Érasme, Archives secrètes (issues de la banque de données d’Omnius)

 

Sur Corrin, la villa d’Érasme était identique à celle qu’il avait eue sur Terre. Il en avait de même conçu l’ameublement et les laboratoires. Les enclos des esclaves étaient entourés de hauts murs de granit et les portails d’accès en fer forgé étaient surmontés de barbules et cernés de champs détecteurs.

Il était de nouveau chez lui et n’aspirait qu’à une chose : se remettre au travail sans plus tarder.

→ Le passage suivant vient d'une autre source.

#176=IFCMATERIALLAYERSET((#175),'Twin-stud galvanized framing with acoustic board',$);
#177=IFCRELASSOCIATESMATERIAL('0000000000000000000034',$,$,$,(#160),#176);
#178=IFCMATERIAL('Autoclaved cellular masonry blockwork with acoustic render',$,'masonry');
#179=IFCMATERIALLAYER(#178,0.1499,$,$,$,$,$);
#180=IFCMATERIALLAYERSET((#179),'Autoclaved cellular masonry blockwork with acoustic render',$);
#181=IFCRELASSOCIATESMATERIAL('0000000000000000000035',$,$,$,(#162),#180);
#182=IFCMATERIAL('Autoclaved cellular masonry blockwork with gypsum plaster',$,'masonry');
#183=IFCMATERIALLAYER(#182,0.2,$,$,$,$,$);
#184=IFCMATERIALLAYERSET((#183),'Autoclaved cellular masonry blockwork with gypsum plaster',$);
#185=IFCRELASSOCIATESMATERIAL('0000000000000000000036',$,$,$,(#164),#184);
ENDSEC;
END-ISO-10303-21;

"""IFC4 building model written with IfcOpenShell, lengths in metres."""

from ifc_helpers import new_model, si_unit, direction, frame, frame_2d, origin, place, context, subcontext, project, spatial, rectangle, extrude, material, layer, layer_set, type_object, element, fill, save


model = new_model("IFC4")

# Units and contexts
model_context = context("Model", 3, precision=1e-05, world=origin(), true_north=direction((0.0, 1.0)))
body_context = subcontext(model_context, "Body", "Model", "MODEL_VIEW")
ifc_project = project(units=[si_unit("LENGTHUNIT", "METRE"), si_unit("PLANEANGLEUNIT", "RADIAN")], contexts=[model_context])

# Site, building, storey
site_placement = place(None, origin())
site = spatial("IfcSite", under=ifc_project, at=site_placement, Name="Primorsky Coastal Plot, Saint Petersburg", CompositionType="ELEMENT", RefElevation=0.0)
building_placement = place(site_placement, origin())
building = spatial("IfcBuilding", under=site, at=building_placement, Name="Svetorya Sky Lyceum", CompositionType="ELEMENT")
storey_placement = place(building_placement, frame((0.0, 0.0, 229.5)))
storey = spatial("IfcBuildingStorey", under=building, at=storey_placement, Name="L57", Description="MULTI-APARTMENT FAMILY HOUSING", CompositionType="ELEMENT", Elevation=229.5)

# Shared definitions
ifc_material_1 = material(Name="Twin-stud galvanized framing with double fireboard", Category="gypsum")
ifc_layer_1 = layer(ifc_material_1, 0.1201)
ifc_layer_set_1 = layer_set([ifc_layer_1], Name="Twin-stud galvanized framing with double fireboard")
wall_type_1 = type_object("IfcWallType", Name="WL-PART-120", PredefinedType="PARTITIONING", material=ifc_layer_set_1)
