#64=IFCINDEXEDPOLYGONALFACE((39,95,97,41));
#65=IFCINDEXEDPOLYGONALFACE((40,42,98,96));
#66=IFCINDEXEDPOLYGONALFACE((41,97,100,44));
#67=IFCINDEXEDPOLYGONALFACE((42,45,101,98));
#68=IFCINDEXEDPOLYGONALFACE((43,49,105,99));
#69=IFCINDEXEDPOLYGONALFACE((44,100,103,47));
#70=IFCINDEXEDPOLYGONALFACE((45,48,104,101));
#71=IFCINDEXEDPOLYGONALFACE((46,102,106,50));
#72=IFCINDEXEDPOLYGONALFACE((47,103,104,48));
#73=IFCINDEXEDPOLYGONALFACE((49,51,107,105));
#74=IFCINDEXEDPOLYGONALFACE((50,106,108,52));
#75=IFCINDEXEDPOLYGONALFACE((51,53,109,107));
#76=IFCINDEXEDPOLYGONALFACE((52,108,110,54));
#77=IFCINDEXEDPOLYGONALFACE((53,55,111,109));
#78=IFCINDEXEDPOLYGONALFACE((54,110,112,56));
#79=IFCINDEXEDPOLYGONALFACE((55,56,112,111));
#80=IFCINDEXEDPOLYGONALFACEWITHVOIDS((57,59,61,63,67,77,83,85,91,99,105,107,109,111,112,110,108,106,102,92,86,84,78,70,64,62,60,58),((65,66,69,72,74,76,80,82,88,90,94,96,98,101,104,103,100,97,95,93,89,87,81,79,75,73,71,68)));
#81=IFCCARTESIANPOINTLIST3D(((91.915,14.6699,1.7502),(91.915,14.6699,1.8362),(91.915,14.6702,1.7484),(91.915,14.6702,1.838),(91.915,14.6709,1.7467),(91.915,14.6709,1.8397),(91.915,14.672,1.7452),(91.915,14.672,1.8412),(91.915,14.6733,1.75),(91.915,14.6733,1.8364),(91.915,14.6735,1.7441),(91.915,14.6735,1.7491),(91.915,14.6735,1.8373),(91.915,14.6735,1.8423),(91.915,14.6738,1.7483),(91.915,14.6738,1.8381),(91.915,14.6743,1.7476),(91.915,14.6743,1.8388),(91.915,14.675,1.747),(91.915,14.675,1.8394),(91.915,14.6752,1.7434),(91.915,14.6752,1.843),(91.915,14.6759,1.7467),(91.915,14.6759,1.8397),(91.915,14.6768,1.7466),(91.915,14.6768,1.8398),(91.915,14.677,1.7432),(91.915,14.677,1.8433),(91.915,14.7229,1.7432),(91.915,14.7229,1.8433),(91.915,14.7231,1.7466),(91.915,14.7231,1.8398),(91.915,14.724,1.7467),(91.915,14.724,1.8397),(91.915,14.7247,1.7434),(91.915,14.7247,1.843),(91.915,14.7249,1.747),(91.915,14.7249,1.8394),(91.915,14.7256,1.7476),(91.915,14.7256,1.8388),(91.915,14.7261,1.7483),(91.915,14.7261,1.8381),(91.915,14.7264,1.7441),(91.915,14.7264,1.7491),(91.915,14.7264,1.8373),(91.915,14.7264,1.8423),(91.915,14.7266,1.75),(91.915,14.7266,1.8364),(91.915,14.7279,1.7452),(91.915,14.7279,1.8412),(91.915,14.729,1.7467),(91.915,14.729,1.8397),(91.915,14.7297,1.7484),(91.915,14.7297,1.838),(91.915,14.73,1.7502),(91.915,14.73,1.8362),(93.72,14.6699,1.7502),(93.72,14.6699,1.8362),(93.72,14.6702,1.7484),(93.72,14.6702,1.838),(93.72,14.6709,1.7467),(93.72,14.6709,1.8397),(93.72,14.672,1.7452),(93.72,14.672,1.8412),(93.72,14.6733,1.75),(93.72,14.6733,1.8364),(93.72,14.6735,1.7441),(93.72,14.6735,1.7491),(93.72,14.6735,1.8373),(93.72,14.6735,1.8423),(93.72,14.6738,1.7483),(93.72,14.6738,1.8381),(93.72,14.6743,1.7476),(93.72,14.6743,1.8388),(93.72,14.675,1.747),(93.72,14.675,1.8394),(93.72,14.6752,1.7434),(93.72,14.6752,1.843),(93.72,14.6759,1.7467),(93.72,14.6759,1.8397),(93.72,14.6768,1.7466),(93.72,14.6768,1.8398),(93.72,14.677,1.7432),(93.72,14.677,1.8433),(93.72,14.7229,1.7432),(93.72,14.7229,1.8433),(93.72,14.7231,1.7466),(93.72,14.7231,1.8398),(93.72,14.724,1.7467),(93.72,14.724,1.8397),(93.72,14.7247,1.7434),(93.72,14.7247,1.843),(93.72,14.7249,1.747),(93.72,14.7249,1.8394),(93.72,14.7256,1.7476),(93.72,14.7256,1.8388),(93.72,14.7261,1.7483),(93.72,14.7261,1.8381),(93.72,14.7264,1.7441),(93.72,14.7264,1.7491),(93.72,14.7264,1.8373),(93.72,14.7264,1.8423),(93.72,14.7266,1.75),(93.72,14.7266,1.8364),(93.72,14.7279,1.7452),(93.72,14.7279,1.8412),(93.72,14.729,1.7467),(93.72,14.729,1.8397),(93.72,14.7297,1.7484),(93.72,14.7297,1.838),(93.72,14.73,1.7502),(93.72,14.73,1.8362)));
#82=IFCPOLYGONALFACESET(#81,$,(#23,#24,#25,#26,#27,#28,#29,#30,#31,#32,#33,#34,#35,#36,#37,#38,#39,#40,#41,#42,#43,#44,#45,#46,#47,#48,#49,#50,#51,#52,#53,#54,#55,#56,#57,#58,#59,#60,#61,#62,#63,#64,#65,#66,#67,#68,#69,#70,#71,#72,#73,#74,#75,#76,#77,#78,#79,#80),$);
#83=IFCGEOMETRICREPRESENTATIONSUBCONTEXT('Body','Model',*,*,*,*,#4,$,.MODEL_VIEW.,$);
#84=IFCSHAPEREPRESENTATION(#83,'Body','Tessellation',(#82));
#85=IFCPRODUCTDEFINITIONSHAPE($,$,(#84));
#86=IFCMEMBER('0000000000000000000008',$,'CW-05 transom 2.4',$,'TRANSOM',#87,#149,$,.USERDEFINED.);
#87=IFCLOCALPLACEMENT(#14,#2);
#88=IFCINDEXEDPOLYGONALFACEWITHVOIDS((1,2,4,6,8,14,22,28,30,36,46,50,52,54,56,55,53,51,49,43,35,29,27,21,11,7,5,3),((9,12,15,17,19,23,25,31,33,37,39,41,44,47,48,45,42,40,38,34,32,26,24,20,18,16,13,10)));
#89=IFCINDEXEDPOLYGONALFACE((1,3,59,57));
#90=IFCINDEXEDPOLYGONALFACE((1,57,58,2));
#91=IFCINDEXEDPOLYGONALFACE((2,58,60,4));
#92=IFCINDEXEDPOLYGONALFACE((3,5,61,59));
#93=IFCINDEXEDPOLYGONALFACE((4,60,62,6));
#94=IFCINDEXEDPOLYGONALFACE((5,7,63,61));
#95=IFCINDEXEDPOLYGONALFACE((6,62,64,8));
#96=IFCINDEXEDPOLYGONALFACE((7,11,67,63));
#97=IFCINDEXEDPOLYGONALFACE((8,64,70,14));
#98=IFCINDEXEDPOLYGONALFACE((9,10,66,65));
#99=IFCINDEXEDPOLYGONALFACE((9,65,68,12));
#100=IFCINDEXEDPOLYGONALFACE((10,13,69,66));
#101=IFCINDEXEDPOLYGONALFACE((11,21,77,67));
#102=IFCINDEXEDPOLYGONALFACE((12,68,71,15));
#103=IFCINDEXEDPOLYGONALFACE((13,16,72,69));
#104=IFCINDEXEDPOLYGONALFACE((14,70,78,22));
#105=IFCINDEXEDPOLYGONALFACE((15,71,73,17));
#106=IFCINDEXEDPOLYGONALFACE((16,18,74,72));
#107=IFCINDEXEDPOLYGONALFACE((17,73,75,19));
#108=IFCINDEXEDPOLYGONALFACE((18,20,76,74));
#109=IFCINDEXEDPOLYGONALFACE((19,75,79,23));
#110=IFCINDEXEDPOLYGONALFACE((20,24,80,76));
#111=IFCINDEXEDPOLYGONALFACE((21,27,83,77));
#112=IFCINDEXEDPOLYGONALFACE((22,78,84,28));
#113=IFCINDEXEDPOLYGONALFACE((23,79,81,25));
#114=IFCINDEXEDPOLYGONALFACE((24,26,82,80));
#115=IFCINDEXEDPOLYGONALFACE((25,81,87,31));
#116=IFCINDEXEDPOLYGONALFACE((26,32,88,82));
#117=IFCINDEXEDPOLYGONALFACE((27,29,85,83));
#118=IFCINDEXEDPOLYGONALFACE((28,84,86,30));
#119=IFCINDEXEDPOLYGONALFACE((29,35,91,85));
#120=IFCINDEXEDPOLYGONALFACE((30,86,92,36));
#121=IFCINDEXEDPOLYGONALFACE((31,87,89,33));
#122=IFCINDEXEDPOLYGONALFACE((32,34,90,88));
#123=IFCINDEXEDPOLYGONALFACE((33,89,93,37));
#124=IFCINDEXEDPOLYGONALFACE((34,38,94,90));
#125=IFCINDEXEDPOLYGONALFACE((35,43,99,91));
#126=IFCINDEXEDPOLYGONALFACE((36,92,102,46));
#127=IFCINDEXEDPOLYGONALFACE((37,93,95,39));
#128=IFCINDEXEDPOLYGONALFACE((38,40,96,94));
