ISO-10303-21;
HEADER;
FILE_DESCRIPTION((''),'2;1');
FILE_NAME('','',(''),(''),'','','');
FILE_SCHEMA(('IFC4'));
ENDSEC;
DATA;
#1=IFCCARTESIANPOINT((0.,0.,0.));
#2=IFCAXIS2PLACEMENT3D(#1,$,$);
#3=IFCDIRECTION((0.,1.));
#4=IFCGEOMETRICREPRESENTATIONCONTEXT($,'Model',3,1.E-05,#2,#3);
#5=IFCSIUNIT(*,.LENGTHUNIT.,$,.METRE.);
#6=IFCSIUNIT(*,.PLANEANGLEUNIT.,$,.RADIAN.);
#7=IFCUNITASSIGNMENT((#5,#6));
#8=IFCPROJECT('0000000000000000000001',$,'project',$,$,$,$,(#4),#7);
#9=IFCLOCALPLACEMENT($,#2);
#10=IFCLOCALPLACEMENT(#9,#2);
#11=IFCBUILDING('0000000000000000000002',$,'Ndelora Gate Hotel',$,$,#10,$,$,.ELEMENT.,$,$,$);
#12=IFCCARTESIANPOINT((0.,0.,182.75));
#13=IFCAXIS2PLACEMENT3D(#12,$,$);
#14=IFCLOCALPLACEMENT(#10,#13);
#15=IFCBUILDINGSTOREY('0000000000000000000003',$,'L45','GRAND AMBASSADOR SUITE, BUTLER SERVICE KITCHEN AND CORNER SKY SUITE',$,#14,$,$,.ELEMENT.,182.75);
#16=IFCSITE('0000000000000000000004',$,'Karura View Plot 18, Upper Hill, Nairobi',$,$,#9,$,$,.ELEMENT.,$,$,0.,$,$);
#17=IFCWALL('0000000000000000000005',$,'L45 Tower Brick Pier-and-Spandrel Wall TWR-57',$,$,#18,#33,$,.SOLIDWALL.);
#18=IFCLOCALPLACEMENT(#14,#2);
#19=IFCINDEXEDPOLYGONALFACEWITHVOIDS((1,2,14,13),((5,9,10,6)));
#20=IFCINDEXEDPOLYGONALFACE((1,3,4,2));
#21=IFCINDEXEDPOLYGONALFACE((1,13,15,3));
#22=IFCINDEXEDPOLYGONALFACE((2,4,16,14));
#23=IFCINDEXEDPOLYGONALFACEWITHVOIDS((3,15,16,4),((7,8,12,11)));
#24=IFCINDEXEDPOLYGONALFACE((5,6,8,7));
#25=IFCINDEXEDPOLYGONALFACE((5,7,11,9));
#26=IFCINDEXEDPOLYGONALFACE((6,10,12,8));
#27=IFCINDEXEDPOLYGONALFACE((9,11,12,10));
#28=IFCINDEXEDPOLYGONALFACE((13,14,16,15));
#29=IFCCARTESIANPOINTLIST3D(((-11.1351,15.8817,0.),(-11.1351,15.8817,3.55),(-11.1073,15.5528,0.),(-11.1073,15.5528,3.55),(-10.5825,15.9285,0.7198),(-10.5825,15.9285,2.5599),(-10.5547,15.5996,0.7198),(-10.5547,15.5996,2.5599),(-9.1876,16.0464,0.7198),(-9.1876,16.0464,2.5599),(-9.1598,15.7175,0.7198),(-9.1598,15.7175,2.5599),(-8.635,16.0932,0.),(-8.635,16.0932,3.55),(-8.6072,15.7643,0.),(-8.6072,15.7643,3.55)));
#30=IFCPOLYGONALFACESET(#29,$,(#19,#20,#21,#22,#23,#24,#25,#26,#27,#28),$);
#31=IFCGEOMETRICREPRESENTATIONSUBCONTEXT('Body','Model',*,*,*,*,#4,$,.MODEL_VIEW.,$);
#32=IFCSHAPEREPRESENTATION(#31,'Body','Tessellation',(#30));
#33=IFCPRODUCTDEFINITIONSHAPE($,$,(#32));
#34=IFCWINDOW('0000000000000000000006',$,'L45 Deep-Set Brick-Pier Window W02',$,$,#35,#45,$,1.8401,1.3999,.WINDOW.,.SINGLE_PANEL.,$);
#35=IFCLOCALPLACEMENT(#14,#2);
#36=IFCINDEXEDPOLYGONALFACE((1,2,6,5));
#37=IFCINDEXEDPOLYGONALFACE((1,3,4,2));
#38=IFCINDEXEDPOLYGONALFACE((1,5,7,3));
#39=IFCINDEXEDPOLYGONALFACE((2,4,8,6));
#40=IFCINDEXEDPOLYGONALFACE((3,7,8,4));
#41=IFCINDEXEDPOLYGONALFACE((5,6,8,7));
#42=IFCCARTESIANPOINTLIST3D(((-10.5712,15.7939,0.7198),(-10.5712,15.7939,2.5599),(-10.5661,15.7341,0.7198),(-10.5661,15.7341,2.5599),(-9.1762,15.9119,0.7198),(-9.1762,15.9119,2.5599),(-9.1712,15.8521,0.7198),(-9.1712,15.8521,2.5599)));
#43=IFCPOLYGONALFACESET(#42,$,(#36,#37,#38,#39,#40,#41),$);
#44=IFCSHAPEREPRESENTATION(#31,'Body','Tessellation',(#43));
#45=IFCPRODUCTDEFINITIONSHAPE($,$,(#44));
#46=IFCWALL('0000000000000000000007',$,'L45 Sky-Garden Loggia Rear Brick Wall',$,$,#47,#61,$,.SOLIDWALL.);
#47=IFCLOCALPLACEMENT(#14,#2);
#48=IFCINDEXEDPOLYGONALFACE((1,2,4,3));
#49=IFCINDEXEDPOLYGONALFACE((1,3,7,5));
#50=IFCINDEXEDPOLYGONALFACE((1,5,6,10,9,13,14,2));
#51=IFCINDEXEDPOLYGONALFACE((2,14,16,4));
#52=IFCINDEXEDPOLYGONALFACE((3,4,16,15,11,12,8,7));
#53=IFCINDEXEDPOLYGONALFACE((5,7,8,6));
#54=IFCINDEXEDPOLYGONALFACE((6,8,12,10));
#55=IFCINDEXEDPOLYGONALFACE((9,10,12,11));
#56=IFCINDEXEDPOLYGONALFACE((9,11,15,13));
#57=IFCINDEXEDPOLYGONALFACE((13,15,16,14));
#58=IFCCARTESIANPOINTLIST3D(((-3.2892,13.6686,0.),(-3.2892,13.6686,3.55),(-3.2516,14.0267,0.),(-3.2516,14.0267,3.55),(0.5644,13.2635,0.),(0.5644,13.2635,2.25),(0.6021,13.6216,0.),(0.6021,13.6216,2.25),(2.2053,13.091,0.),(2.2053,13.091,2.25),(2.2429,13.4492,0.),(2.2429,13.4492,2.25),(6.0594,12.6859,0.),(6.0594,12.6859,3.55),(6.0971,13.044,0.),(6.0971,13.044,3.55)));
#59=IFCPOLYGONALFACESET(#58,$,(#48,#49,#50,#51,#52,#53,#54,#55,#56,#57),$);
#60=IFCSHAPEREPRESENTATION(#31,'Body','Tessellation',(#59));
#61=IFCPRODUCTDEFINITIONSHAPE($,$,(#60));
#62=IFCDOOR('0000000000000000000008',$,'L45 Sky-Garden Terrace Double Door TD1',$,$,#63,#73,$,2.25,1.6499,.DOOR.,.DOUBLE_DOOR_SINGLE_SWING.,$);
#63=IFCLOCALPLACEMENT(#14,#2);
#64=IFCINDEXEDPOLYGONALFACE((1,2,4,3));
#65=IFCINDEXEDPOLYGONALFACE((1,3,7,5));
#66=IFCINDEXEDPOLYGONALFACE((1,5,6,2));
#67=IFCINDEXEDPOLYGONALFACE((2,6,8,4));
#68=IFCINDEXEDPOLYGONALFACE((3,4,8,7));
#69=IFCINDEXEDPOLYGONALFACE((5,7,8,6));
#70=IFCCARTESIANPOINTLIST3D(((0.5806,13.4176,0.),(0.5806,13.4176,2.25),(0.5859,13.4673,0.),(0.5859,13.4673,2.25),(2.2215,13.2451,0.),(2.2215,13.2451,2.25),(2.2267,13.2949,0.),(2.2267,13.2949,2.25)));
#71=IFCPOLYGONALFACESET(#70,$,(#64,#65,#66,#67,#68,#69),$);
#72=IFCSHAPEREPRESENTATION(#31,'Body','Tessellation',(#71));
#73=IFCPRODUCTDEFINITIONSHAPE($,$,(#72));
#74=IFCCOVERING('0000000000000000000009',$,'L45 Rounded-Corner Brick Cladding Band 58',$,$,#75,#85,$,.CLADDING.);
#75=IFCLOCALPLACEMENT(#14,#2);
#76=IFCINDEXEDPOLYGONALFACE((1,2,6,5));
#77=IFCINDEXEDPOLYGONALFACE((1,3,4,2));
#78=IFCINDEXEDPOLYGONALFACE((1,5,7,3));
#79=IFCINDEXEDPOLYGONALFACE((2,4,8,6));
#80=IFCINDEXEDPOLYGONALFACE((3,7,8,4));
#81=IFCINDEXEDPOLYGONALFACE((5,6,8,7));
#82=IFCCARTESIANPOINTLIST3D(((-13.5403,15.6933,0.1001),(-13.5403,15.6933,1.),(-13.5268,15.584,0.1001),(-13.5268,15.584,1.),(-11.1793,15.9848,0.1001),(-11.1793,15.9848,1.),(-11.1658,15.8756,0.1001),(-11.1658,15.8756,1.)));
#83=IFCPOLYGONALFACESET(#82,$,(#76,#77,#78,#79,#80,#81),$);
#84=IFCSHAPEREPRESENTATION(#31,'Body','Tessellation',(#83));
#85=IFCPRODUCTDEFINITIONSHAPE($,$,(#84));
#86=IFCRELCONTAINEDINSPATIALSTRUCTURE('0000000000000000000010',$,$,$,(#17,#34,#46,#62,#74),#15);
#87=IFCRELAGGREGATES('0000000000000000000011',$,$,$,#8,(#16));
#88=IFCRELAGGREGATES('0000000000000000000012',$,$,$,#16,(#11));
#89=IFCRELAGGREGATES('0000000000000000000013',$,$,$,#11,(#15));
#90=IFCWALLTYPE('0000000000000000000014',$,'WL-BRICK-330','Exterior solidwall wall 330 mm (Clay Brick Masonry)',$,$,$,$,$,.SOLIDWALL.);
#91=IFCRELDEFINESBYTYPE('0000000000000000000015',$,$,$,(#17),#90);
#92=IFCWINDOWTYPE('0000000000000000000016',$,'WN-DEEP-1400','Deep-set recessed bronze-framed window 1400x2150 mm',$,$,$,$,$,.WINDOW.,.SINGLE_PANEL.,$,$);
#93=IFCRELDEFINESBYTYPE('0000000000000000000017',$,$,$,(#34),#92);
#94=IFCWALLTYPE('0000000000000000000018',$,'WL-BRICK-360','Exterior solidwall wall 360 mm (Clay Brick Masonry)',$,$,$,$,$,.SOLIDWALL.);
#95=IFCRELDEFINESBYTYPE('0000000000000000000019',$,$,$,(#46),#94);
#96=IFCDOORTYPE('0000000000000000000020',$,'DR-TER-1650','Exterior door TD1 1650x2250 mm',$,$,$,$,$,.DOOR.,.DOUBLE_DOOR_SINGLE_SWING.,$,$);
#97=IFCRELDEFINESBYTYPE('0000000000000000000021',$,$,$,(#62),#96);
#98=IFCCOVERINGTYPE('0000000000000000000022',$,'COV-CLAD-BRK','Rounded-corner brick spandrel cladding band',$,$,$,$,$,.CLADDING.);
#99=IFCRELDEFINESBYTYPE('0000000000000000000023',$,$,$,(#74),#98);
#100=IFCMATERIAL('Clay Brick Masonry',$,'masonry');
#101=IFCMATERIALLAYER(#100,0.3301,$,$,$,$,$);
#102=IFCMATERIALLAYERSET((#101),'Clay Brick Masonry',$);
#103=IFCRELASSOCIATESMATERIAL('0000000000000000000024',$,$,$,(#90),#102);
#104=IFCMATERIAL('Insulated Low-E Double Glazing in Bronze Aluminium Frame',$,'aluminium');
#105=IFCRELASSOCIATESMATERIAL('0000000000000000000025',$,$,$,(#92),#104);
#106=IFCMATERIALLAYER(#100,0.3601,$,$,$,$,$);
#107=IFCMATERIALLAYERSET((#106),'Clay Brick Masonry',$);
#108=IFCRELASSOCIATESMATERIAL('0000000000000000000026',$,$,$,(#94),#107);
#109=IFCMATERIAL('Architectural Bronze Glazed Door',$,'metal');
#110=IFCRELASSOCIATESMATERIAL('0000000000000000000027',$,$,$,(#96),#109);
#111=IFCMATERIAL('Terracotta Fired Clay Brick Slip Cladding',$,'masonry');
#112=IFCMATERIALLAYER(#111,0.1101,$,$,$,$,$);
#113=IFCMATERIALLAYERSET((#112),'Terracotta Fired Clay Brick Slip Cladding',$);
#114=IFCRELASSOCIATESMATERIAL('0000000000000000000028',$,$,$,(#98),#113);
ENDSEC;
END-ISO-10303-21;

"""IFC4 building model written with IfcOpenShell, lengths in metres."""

from ifc_helpers import new_model, si_unit, direction, frame, frame_2d, origin, origin_2d, place, context, subcontext, project, spatial, rectangle, extrude, material, layer, layer_set, type_object, element, fill, save


model = new_model("IFC4")

# Units and contexts
model_context = context("Model", 3, precision=1e-05, world=origin(), true_north=direction((0.0, 1.0)))
body_context = subcontext(model_context, "Body", "Model", "MODEL_VIEW")
ifc_project = project(units=[si_unit("LENGTHUNIT", "METRE"), si_unit("PLANEANGLEUNIT", "RADIAN")], contexts=[model_context])

# Site, building, storey
site_placement = place(None, origin())
site = spatial("IfcSite", under=ifc_project, at=site_placement, Name="Karura View Plot 18, Upper Hill, Nairobi", CompositionType="ELEMENT", RefElevation=0.0)
building_placement = place(site_placement, origin())
building = spatial("IfcBuilding", under=site, at=building_placement, Name="Ndelora Gate Hotel", CompositionType="ELEMENT")
storey_placement = place(building_placement, frame((0.0, 0.0, 182.75)))
storey = spatial("IfcBuildingStorey", under=building, at=storey_placement, Name="L45", Description="GRAND AMBASSADOR SUITE, BUTLER SERVICE KITCHEN AND CORNER SKY SUITE", CompositionType="ELEMENT", Elevation=182.75)

# Wall, opening, window
ifc_material_1 = material(Name="Clay Brick Masonry", Category="masonry")
ifc_layer_1 = layer(ifc_material_1, 0.3301)
ifc_layer_set_1 = layer_set([ifc_layer_1], Name="Clay Brick Masonry")
wall_type_1 = type_object("IfcWallType", Name="WL-BRICK-330", Description="Exterior solidwall wall 330 mm (Clay Brick Masonry)", PredefinedType="SOLIDWALL", material=ifc_layer_set_1)
ifc_material_2 = material(Name="Insulated Low-E Double Glazing in Bronze Aluminium Frame", Category="aluminium")
window_type = type_object("IfcWindowType", Name="WN-DEEP-1400", Description="Deep-set recessed bronze-framed window 1400x2150 mm", PartitioningType="SINGLE_PANEL", PredefinedType="WINDOW", material=ifc_material_2)
wall_1_placement = place(storey_placement, frame((-11.1211, 15.7173, 0.0), z_axis=(0.0, 0.0, 1.0), x_axis=(0.996443, 0.084269, 0.0)))
wall_1 = element("IfcWall", 1, at=wall_1_placement, inside=storey, type_object=wall_type_1, Name="L45 Tower Brick Pier-and-Spandrel Wall TWR-57", PredefinedType="SOLIDWALL", context=body_context, shape_type="SweptSolid", body=[
    extrude(rectangle(XDim=2.509, YDim=0.3301, at=frame_2d((1.2544, 0.0))), origin(), (0.0, 0.0, 1.0), 3.55),
])
opening_1_placement = place(wall_1_placement, frame((0.5544, 0.0, 0.72)))
opening_1 = element("IfcOpeningElement", 2, at=opening_1_placement, cuts=wall_1, PredefinedType="OPENING", context=body_context, shape_type="SweptSolid", body=[
    extrude(rectangle(XDim=1.3999, YDim=1.8401, at=frame_2d((0.7, 0.9199))), frame((0.0, 0.175, 0.0), z_axis=(0.0, -1.0, 0.0), x_axis=(1.0, 0.0, 0.0)), (0.0, 0.0, 1.0), 0.3501),
])
window_1_placement = place(opening_1_placement, origin())
window_1 = element("IfcWindow", 3, at=window_1_placement, inside=storey, type_object=window_type, Name="L45 Deep-Set Brick-Pier Window W02", OverallHeight=1.8401, OverallWidth=1.3999, PartitioningType="SINGLE_PANEL", PredefinedType="WINDOW", context=body_context, shape_type="SweptSolid", body=[
    extrude(rectangle(XDim=1.3999, YDim=1.8401, at=frame_2d((0.7, 0.9199))), frame((0.0, 0.03, 0.0), z_axis=(0.0, -1.0, 0.0), x_axis=(1.0, 0.0, 0.0)), (0.0, 0.0, 1.0), 0.0601),
])
fill(opening_1, window_1)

Les enclos regorgeaient d’humains. Sous le grand soleil rouge de Corrin, il observa les corps luisants de sueur des prisonniers qui se livraient à leurs exercices et calcula qu’ils étaient à peu près un millier. L’après-midi était torpide, mais, pour les esclaves, il n’était pas question de se reposer, encore moins de se plaindre. Les robots n’étaient jamais loin et ils ne savaient pas toujours régler la violence de leurs coups.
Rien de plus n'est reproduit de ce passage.